The margin was back up in the twenties as Green missed again down low to end the quarter. San Antonio took an 89-67 lead into the final frame. Draymond was 2-for-11 and Klay 3-for-11 from the field.

4TH QUARTER: Make That Two Warriors Limping

With Curry limping at the end of the third after either bumping into Leonard on a baseline cut (knee-on-knee?) or the resultant curl into Barnes setting the pick (charlie-horse?), Kerr began to wave the white flag even as the bench unit — without the suspended Shaun Livingston — took the floor.
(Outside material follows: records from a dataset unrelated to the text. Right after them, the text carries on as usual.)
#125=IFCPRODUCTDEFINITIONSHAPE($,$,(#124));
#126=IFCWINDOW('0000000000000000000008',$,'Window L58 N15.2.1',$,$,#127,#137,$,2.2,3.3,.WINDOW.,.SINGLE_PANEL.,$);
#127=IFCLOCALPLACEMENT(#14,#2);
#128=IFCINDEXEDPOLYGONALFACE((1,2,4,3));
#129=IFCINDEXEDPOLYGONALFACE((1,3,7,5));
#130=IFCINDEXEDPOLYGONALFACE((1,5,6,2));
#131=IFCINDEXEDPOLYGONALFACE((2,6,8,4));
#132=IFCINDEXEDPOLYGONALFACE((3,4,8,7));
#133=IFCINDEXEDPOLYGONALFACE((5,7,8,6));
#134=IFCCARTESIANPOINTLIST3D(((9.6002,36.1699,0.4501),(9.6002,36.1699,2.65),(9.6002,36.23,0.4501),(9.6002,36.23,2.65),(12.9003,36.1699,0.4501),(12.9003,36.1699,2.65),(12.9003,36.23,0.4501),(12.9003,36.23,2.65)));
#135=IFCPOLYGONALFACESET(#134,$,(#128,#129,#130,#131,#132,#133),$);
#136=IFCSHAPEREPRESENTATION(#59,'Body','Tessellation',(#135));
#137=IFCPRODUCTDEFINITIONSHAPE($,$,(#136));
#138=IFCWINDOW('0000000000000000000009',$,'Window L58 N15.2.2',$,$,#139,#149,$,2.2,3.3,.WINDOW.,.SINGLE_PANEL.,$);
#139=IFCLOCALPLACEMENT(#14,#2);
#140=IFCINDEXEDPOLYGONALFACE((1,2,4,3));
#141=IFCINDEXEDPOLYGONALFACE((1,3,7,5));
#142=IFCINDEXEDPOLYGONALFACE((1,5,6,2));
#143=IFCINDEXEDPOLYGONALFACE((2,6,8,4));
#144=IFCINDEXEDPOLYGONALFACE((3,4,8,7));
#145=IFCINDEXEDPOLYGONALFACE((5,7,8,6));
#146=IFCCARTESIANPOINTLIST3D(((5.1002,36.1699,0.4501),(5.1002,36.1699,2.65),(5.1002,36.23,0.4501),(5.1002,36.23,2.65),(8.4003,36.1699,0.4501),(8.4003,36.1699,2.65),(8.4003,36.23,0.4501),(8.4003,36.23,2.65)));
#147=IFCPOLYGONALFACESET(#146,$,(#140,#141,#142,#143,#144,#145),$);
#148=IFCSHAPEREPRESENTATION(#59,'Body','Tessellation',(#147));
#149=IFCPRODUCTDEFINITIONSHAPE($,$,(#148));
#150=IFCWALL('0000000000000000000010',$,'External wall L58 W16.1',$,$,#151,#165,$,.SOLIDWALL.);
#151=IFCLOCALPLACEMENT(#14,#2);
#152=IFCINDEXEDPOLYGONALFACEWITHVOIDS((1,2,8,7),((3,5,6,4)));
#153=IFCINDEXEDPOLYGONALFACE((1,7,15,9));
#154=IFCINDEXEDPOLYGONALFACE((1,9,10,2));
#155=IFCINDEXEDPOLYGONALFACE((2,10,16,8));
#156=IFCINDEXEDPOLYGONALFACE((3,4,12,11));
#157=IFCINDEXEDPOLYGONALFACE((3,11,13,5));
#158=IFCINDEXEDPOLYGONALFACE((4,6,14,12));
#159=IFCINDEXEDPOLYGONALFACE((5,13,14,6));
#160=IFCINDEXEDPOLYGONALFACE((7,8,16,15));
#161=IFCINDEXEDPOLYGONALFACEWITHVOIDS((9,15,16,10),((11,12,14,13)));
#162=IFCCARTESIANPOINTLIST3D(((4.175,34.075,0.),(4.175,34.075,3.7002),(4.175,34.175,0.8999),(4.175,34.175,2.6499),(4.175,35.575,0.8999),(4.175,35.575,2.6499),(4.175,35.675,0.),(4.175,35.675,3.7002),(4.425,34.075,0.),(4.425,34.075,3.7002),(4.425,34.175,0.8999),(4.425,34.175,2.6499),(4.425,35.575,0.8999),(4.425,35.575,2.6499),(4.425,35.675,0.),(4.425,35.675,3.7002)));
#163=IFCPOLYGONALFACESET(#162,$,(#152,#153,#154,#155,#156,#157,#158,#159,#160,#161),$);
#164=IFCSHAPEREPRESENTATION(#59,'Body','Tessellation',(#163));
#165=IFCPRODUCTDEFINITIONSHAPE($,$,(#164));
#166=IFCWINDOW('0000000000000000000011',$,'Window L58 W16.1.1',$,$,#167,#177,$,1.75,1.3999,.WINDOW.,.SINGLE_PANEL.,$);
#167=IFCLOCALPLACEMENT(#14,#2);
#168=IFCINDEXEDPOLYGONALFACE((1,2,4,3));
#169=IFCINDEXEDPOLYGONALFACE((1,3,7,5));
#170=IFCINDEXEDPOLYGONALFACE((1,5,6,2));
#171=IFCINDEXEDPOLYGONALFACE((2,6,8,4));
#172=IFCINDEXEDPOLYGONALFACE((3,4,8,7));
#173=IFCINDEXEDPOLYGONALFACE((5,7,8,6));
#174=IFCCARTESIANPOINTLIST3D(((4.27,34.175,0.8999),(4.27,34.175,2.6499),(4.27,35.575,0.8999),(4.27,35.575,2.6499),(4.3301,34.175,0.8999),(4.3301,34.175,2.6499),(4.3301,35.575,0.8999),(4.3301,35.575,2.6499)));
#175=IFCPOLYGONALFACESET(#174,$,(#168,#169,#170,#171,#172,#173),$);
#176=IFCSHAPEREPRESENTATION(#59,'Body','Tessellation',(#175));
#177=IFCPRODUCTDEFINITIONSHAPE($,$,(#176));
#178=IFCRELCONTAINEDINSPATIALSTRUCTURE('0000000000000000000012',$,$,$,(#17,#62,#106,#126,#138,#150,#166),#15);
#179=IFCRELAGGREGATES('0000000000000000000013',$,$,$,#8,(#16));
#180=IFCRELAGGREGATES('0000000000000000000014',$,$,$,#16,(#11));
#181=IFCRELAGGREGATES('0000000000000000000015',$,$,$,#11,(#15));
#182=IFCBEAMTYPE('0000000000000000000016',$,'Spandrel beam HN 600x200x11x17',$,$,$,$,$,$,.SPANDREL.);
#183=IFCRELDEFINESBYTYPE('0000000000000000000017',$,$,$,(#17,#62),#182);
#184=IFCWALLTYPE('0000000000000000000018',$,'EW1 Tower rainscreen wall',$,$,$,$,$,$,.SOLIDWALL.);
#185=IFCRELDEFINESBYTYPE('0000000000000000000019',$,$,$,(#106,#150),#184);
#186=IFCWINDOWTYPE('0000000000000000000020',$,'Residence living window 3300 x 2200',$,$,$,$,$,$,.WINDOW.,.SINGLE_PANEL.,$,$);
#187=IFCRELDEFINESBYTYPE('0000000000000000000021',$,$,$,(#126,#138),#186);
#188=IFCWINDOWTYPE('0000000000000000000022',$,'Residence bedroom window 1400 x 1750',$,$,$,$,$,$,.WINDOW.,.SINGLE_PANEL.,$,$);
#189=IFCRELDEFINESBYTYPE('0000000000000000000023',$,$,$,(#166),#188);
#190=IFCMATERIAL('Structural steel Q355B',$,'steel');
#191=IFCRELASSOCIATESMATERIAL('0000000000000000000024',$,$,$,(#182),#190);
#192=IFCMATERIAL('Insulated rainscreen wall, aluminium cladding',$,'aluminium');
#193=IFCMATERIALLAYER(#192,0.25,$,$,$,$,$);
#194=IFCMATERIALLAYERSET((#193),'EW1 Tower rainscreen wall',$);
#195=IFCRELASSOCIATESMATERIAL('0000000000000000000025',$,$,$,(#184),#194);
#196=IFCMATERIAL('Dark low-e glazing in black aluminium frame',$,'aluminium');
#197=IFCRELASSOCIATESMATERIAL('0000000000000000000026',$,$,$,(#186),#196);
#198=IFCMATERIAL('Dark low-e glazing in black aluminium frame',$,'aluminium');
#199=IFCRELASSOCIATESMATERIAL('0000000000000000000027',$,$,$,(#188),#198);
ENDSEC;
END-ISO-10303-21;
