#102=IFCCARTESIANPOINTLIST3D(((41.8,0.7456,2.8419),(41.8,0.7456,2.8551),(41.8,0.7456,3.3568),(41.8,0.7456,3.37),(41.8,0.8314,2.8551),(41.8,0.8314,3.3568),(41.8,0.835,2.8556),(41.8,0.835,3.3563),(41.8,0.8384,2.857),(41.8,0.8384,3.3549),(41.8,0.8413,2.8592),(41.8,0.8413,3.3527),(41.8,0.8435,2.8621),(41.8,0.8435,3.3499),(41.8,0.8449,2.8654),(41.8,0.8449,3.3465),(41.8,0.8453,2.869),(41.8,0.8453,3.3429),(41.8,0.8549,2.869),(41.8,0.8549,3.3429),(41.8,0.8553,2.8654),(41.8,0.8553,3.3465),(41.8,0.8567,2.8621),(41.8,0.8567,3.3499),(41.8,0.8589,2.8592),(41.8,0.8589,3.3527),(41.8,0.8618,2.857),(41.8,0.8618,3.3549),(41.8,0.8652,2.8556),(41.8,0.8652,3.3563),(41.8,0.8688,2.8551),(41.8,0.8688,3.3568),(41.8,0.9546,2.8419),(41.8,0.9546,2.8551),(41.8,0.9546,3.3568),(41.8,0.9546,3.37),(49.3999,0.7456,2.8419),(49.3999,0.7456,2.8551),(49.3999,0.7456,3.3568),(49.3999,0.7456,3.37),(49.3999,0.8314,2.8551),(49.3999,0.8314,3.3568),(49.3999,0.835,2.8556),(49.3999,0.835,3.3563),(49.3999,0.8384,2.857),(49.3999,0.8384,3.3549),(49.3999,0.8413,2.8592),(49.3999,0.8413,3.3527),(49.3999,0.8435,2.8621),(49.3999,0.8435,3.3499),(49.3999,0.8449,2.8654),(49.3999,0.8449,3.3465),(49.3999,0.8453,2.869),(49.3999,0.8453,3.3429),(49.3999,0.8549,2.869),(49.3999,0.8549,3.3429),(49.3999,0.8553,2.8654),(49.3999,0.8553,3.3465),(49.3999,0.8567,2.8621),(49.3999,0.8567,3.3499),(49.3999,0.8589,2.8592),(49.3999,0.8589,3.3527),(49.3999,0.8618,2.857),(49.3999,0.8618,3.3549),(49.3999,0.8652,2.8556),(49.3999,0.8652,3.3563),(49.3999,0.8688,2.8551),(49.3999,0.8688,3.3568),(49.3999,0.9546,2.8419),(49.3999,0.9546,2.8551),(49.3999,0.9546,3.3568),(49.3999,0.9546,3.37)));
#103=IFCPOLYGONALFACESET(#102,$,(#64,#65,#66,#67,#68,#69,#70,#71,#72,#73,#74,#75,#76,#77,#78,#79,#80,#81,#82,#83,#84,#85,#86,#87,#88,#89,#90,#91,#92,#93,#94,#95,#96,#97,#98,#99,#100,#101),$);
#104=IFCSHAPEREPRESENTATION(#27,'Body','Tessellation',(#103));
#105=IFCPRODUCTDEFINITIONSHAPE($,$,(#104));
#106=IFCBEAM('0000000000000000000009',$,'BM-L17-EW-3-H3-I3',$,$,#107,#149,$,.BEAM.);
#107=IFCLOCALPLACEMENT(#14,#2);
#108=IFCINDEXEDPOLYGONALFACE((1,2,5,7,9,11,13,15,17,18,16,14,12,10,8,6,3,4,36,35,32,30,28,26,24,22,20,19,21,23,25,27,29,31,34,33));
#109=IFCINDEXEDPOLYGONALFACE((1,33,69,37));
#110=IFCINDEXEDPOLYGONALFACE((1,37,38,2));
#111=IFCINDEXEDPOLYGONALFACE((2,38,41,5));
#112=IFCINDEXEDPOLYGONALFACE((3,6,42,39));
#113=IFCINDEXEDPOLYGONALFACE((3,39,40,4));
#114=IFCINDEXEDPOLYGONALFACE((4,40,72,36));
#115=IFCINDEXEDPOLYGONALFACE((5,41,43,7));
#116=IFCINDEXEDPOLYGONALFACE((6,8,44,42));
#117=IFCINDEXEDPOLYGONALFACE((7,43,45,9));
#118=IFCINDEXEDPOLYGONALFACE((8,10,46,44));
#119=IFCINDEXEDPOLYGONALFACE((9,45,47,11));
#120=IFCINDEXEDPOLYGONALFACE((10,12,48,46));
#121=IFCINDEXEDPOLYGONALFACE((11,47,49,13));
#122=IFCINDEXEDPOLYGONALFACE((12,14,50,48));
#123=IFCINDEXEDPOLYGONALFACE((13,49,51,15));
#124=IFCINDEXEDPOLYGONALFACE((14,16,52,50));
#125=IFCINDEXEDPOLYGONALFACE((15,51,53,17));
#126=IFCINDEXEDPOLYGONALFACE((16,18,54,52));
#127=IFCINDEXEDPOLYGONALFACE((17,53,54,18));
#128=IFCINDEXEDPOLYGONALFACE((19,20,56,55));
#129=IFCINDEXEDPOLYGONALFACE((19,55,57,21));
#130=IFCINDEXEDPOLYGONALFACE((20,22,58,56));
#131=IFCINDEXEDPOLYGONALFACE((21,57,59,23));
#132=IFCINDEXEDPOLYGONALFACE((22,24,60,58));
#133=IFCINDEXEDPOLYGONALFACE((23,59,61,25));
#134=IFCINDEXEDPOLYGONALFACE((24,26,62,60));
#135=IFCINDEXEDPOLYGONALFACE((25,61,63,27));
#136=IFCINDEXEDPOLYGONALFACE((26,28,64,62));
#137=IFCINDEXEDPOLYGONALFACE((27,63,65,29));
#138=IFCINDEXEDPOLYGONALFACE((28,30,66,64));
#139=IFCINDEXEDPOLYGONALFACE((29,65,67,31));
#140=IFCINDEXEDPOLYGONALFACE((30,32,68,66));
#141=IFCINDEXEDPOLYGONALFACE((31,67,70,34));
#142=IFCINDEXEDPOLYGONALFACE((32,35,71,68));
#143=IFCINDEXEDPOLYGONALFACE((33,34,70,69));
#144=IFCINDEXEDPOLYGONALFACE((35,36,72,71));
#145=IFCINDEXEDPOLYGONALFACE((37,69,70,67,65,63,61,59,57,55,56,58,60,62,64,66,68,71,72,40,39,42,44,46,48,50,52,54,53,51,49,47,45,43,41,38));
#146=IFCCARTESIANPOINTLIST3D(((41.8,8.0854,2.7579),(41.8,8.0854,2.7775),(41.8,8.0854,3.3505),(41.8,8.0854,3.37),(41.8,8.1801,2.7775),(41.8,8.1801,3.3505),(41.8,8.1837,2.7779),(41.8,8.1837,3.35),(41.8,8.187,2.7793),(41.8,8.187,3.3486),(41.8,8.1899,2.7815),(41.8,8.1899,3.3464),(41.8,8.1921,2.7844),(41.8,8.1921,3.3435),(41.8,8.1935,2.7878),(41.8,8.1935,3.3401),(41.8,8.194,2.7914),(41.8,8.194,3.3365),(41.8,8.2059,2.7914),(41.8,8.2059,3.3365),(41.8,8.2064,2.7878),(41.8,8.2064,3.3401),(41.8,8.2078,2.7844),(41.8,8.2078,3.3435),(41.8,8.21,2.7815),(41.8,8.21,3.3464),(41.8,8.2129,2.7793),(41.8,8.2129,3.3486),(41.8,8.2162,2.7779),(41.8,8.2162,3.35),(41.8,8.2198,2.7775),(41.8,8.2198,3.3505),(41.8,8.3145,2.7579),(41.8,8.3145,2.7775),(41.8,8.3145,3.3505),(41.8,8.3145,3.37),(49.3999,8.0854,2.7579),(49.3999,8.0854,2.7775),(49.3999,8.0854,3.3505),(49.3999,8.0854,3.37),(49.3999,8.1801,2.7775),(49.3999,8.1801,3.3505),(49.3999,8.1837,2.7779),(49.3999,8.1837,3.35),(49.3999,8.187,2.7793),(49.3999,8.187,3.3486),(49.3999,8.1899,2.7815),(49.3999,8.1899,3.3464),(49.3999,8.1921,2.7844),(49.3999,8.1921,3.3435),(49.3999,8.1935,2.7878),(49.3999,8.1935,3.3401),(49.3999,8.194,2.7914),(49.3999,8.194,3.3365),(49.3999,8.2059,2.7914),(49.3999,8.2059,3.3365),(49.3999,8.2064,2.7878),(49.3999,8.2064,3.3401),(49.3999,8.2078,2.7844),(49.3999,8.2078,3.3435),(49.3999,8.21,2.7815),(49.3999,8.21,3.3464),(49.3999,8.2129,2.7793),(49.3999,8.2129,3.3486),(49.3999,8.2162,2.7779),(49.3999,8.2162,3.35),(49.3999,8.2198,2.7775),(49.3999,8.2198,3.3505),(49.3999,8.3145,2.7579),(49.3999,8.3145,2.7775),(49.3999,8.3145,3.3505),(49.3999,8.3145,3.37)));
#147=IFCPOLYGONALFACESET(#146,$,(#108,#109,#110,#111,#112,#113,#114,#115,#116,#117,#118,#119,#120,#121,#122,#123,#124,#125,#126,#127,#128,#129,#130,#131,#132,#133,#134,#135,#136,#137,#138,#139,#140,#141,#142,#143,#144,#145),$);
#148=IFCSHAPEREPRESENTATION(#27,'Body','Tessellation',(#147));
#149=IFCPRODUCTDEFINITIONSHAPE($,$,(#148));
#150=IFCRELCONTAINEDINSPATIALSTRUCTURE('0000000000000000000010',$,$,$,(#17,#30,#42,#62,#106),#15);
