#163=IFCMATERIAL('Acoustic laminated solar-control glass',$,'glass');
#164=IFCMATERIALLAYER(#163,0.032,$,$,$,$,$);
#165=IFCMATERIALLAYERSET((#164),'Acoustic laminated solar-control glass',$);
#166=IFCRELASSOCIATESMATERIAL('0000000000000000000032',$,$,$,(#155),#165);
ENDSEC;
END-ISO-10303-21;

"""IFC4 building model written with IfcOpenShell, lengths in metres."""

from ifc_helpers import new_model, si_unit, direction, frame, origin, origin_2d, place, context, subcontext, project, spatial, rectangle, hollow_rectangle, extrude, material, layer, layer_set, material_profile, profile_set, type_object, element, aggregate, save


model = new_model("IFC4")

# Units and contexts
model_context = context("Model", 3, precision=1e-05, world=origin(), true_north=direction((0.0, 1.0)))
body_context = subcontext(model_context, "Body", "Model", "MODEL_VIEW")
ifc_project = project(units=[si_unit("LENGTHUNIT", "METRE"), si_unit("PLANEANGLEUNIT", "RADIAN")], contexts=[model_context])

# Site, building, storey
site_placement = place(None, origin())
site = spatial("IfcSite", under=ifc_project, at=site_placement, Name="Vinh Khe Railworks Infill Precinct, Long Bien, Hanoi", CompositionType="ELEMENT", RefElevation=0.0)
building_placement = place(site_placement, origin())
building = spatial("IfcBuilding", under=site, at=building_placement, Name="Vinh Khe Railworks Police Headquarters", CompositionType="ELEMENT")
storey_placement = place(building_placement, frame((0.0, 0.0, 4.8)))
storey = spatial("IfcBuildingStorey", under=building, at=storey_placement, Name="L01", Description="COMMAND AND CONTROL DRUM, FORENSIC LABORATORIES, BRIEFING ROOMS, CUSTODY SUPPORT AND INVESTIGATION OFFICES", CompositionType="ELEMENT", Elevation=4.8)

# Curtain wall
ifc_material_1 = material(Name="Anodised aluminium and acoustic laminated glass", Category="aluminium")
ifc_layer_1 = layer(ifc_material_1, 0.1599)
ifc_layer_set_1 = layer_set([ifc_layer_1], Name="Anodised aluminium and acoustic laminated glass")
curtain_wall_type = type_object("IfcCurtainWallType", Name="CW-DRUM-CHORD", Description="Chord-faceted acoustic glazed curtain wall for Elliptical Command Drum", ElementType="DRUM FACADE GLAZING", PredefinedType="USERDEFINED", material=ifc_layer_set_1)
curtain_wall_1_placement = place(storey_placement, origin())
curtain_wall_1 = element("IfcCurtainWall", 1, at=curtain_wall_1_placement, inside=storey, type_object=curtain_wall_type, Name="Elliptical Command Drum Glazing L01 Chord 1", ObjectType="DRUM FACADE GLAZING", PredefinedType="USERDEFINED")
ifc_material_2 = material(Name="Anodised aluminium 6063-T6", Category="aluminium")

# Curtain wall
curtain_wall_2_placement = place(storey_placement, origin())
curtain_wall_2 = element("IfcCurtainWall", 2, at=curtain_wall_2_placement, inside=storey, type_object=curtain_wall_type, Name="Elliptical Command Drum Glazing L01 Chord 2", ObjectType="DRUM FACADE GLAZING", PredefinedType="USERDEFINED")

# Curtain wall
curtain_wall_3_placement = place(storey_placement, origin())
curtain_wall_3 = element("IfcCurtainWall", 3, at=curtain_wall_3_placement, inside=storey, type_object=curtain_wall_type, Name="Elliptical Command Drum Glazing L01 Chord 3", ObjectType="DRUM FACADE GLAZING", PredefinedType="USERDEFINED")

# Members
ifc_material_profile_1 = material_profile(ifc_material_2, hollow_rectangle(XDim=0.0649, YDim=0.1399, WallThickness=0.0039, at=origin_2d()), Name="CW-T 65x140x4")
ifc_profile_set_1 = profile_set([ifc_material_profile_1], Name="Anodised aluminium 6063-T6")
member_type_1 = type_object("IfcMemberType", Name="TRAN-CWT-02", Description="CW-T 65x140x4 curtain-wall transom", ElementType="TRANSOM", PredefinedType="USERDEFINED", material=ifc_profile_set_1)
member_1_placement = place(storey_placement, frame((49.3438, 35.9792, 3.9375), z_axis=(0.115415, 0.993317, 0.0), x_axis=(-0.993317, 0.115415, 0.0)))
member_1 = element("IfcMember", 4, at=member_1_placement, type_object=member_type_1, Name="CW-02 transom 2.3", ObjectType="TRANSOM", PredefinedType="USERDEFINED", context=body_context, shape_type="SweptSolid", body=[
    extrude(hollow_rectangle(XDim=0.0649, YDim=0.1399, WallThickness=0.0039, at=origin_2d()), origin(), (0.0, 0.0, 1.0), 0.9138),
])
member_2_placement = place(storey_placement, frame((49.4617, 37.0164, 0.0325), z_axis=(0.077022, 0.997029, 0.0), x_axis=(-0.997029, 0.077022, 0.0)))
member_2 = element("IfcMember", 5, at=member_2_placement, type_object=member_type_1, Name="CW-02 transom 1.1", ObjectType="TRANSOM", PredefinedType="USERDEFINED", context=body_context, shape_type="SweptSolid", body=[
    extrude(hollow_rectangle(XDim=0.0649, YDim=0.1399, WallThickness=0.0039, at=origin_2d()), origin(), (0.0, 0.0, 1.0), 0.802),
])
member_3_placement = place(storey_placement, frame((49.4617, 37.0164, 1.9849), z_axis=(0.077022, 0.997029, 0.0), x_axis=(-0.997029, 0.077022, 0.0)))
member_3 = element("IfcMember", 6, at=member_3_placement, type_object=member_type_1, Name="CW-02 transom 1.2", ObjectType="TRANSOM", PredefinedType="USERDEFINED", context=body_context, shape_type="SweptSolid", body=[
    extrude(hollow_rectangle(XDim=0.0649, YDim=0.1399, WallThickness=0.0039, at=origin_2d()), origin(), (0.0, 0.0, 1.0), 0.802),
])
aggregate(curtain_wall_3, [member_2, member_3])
Leandro Barbosa made a couple patented left-baseline drives, but Marco Belinelli swished a left wing triple as Justin Holiday slipped and Ginobili drilled a catch-and-shoot trey from Boris Diaw. The Spurs’ lead reached 99-73 with 6:48 remaining.

After that, Barbosa closed out at the point position along with Holiday, Barnes, James Michael McAdoo, and Festus Ezeli, who had a nice dunk off an offensive rebound of a Holiday miss.

Barnes finally broke his game-long drought as he swished a right baseline jumper assisted by Barbosa, but of greater concern was Ezeli, who limped off the court as the buzzer sounded and the game ended with the score of 107-92.

Leonard led all scorers with 26 points, Duncan had 19, and Danny Green 18 on 4 treys. Curry led the Warriors with 24 points 9-for-17 field, 5-for-10 downtown, 6 assists, but 4 turnovers. Klay was just 3-for-11, 0-for-3 beyond the arc. Draymond was 2-for-11, but still had 7 rebounds and 6 assists. Bogut had 10 points, 7 rebounds. Barbosa had 12 off the bench, Iguodala 10.

The Warriors, who got their winning streak ended at 12, will fly to New Orleans and face the Pelicans in two nights.